Sem frescuras e sem vedetismo, d. Izaura nos ensinava que tínhamos que
aproveitar o presente, se divertir acima de tudo e cultivar a alegria.
Diego Nunes, Leila Silva, Izaura Marques, Thais Matarazzo, em 20/4/2013. Foto: Gilberto Cantero |
Não se negava a narrar as suas memórias, mas quando terminava, sempre
tinha uma piada para contar e dizia que o que passou... passou! Afirmava que a história
é importante, porém, o mais valioso é fazer valer cada momento da vida, como
uma festa.
D. Izaura morava em Santana, estive algumas vezes em seu apartamento. Ela
me mostrou algumas fotografias e recortes de jornais, mas nunca consegui a
entrevistar direito, porque ela começava a falar de um assunto, passava para
outro e no fim estávamos dando risada de alguma outro episódio.

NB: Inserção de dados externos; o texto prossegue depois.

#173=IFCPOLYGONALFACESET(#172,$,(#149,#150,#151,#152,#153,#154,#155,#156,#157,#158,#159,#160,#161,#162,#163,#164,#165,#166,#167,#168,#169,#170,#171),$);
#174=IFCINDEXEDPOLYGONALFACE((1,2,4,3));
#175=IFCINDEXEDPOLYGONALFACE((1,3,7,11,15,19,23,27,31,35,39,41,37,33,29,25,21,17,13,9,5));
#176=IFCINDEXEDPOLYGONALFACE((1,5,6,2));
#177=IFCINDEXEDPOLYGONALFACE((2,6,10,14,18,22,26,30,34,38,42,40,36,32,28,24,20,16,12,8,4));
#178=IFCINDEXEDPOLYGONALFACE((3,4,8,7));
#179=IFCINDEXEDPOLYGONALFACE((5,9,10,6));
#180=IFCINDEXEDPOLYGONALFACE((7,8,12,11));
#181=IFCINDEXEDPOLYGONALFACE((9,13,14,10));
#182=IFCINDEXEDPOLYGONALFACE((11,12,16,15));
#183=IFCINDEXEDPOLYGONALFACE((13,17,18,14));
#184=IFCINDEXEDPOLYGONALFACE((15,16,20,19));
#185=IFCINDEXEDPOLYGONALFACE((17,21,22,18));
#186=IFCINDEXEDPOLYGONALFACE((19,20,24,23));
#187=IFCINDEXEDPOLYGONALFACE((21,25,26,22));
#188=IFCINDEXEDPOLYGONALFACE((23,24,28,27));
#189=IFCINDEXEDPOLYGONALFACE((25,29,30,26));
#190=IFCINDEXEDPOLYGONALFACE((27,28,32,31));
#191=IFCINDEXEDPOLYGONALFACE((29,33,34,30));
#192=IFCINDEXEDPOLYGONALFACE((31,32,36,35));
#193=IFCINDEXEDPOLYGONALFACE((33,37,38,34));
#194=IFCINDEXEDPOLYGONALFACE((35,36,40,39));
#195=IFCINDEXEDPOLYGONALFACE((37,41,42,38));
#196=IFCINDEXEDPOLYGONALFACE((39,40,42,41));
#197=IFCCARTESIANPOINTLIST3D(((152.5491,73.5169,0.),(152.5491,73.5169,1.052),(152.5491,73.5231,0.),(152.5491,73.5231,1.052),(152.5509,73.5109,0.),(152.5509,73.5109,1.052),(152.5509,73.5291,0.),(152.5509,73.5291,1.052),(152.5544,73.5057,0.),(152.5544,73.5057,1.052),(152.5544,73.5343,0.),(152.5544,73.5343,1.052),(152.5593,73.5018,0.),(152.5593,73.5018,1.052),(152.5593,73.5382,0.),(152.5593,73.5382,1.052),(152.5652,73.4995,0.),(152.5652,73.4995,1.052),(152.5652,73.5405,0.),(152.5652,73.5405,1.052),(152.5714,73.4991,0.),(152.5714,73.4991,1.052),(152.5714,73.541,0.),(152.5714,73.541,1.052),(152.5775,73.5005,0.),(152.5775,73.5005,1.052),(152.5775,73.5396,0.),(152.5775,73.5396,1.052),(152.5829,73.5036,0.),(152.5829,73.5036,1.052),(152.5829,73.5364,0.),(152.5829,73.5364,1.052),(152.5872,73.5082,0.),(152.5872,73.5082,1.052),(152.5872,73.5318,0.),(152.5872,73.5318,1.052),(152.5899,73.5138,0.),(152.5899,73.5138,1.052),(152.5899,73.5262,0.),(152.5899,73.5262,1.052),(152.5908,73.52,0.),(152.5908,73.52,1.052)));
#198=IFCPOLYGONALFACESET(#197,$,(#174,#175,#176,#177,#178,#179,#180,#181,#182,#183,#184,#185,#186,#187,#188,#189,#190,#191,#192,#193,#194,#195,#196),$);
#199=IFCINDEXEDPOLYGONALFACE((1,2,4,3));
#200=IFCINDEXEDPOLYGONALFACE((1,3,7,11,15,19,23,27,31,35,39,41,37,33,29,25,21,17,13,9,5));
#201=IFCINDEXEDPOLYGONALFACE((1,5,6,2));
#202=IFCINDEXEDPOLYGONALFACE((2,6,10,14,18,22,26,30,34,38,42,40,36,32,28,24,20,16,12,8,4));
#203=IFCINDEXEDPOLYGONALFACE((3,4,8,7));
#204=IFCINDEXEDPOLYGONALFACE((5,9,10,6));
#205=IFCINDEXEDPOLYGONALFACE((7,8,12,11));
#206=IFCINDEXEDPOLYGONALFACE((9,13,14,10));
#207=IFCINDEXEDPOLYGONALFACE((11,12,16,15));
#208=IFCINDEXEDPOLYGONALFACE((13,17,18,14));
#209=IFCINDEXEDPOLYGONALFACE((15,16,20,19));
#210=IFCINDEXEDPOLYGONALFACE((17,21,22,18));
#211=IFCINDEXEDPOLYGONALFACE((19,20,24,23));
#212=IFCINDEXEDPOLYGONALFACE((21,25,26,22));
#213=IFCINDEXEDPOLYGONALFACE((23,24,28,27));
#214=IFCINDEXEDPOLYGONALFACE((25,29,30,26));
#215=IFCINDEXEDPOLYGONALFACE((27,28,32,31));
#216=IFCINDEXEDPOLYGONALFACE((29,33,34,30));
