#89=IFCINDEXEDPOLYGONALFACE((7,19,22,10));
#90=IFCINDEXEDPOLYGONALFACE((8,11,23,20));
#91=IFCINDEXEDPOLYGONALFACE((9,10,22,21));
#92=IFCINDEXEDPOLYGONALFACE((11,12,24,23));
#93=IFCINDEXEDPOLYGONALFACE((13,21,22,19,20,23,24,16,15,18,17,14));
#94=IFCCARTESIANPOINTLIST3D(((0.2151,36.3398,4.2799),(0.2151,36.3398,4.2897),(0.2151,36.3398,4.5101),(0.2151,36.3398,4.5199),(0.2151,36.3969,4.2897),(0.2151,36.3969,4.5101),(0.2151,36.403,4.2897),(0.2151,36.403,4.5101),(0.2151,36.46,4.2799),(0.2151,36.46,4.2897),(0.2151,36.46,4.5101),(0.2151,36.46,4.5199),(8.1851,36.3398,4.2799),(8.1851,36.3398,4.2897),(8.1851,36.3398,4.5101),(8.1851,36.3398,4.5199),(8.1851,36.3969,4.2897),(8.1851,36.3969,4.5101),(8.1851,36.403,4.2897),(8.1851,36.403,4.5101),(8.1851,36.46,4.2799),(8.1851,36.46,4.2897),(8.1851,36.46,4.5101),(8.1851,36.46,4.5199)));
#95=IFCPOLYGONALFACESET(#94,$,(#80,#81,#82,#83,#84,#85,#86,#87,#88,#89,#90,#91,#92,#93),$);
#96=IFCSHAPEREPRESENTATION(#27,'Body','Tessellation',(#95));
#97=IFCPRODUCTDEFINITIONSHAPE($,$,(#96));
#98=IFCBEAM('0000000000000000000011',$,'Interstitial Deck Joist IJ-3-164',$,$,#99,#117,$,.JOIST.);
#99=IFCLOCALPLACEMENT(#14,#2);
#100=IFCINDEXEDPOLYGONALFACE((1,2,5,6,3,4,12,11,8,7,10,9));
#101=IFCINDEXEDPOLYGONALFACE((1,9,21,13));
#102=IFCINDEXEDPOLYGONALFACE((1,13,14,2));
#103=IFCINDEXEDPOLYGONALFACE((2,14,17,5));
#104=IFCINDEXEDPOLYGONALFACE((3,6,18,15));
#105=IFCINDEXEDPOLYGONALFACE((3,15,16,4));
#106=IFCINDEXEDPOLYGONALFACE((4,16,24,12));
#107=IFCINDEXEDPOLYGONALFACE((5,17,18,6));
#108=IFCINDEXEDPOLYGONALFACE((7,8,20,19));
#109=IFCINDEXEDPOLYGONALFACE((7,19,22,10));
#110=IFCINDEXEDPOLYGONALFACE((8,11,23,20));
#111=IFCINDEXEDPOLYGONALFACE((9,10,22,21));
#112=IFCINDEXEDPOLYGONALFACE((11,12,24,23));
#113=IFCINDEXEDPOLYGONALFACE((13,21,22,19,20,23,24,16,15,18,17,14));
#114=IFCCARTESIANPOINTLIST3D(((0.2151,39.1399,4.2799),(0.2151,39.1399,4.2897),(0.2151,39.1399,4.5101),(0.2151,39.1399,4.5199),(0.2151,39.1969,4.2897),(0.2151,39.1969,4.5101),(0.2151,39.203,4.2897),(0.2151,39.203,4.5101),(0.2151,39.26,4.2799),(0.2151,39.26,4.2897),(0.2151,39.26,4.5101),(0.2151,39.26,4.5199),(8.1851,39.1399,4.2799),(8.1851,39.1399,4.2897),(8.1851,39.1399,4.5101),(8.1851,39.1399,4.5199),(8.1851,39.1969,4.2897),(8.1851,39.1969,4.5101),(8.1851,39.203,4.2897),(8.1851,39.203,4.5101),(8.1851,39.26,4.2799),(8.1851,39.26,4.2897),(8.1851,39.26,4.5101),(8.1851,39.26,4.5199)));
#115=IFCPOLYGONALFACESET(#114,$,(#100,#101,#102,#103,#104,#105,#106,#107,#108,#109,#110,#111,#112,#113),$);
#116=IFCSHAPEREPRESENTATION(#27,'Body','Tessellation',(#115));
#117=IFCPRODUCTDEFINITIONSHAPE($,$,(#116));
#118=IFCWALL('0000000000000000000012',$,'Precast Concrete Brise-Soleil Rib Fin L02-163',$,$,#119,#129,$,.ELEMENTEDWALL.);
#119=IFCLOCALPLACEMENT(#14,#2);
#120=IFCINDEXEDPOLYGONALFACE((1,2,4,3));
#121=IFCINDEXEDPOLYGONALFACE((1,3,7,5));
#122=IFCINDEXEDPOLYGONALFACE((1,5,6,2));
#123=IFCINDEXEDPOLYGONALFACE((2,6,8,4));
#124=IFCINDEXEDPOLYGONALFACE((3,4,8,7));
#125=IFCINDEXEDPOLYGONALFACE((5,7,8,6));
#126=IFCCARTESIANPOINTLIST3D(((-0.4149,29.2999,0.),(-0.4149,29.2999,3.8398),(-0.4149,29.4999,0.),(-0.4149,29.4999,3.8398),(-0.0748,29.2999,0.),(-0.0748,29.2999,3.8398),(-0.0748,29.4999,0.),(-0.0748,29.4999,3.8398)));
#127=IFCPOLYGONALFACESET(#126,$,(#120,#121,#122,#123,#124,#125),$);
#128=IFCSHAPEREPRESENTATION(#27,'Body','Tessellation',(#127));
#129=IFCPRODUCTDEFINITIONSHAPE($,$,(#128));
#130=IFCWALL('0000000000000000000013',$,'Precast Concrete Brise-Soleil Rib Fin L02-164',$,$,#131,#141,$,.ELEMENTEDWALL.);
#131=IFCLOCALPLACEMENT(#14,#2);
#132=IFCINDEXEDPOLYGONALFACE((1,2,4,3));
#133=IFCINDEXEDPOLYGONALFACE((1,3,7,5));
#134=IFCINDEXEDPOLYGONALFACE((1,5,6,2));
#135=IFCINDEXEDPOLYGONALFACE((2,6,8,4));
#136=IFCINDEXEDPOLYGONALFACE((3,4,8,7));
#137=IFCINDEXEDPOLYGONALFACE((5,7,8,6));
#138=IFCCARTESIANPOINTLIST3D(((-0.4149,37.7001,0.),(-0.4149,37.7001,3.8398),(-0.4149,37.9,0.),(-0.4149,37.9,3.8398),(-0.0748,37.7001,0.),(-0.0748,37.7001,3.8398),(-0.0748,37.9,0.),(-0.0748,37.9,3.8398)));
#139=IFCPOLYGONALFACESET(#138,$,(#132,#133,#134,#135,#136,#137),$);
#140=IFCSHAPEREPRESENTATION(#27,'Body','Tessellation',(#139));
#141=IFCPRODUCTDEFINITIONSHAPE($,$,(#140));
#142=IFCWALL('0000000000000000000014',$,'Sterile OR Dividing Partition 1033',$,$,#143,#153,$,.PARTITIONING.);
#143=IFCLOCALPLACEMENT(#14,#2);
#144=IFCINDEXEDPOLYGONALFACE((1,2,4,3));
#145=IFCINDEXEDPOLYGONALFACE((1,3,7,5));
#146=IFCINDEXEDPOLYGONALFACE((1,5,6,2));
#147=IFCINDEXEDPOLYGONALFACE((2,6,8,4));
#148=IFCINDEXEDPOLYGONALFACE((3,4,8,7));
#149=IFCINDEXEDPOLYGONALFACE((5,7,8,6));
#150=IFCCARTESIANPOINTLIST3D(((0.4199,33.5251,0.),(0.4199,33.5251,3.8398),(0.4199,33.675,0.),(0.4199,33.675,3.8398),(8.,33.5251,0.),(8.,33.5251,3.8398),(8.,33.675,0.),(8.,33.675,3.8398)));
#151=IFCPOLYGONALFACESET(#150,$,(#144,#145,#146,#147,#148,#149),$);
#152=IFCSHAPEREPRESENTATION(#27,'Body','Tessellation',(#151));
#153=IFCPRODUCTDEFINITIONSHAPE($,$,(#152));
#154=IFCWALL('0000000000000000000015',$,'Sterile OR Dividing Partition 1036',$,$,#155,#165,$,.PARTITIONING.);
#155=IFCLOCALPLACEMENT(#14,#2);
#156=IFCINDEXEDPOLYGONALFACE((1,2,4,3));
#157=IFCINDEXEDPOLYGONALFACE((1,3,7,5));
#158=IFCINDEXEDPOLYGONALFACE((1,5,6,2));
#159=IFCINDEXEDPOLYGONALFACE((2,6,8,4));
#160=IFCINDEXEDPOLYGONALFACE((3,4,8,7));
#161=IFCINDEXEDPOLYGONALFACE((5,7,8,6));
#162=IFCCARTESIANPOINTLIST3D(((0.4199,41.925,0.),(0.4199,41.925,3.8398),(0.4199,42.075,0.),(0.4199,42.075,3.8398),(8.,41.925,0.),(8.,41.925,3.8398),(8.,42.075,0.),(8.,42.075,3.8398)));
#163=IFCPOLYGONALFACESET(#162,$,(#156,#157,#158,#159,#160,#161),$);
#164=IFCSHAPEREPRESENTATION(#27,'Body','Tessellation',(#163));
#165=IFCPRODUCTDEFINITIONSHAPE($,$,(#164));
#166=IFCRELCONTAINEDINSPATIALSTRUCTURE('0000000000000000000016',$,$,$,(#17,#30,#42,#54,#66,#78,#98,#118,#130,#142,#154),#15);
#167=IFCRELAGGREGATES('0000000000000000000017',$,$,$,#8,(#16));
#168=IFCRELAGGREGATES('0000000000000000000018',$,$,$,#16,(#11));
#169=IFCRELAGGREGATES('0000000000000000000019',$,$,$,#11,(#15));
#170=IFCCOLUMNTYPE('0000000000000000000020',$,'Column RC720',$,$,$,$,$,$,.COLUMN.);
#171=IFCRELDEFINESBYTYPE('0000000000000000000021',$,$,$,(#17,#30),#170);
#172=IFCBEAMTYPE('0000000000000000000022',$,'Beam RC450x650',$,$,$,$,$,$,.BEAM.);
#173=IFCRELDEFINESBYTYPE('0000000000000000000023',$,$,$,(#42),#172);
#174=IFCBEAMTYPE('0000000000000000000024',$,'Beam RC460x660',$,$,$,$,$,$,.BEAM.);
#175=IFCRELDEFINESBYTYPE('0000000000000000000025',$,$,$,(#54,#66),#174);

Na ocasião da conclusão do curso de Jornalismo, em 2011, optei por fazer
o TCC voltado para as memórias do rádio, meu objeto de estudo foi a Rádio
Record. D. Izaura me concedeu uma entrevista, revelou que algumas vezes foi
escalada para trabalhar nos programas da Record, pois era contratada da Rádio
S. Paulo, pertencente ao grupo das “Emissoras Unidas” administrada pela família
Carvalho.
Dois anos depois, em 2013, aproveitando o material da pesquisa
acadêmica, nasceu o livro A Música
Popular no Rádio Paulista, 1928 – 1960, e o lançamento aconteceu na Casa
Amadeus, antigo espaço ocupado pela Rádio Record, no Palacete Lara, na Rua
Quintino Bocaíuva, no centro histórico da pauliceia. Imagina só a emoção que
foi! E d. Izaura esteve lá conosco, esbanjando simpatia.
Poucos meses depois, quando lancei o livro A Dinastia do Rádio Paulista, em coautoria com Valdir Comegno,
tivemos a sorte de o lançamento acontecer no auditório da Ordem dos Músicos do
Brasil, na Av. Ipiranga. Foi uma evento espetacular! D. Izaura foi homenageada
junto com as cantoras do rádio. Aos 90 anos, ela já estava com a saúde fragilizada,
mesmo assim compareceu e ficou bastante emocionada. Nem poderíamos imaginar que
seria a última homenagem que prestaríamos em vida.
Foi triste receber a notícia do seu falecimento pouco tempo depois. Em
25 de julho, ela nos deixou. Junto com o amigo Diego Nunes, fomos nos despedir
da querida amiga no velório, no Cemitério do Araçá.
Devo registrar que a sala onde d. Izaura foi velada, irradiava um
sentimento de leveza. Seu ataúde estava todo decorado com margaridas, que
combinaram muito bem com sua personalidade. Apenas podemos ver o seu semblante,
estava serena e sua expressão dava-nos a impressão que ela foi em paz por ter
cumprido sua missão aqui na terra com dignidade, amor e muito bom-humor.
Sempre que me recordo de d. Izaura uma sensação de alegria brilha na alma, pois essa foi a impressão que ela deixou marcada em minha vida, e acredito que o mesmo acontece com todas as pessoas que compartilharam da sua vivência e da sua arte.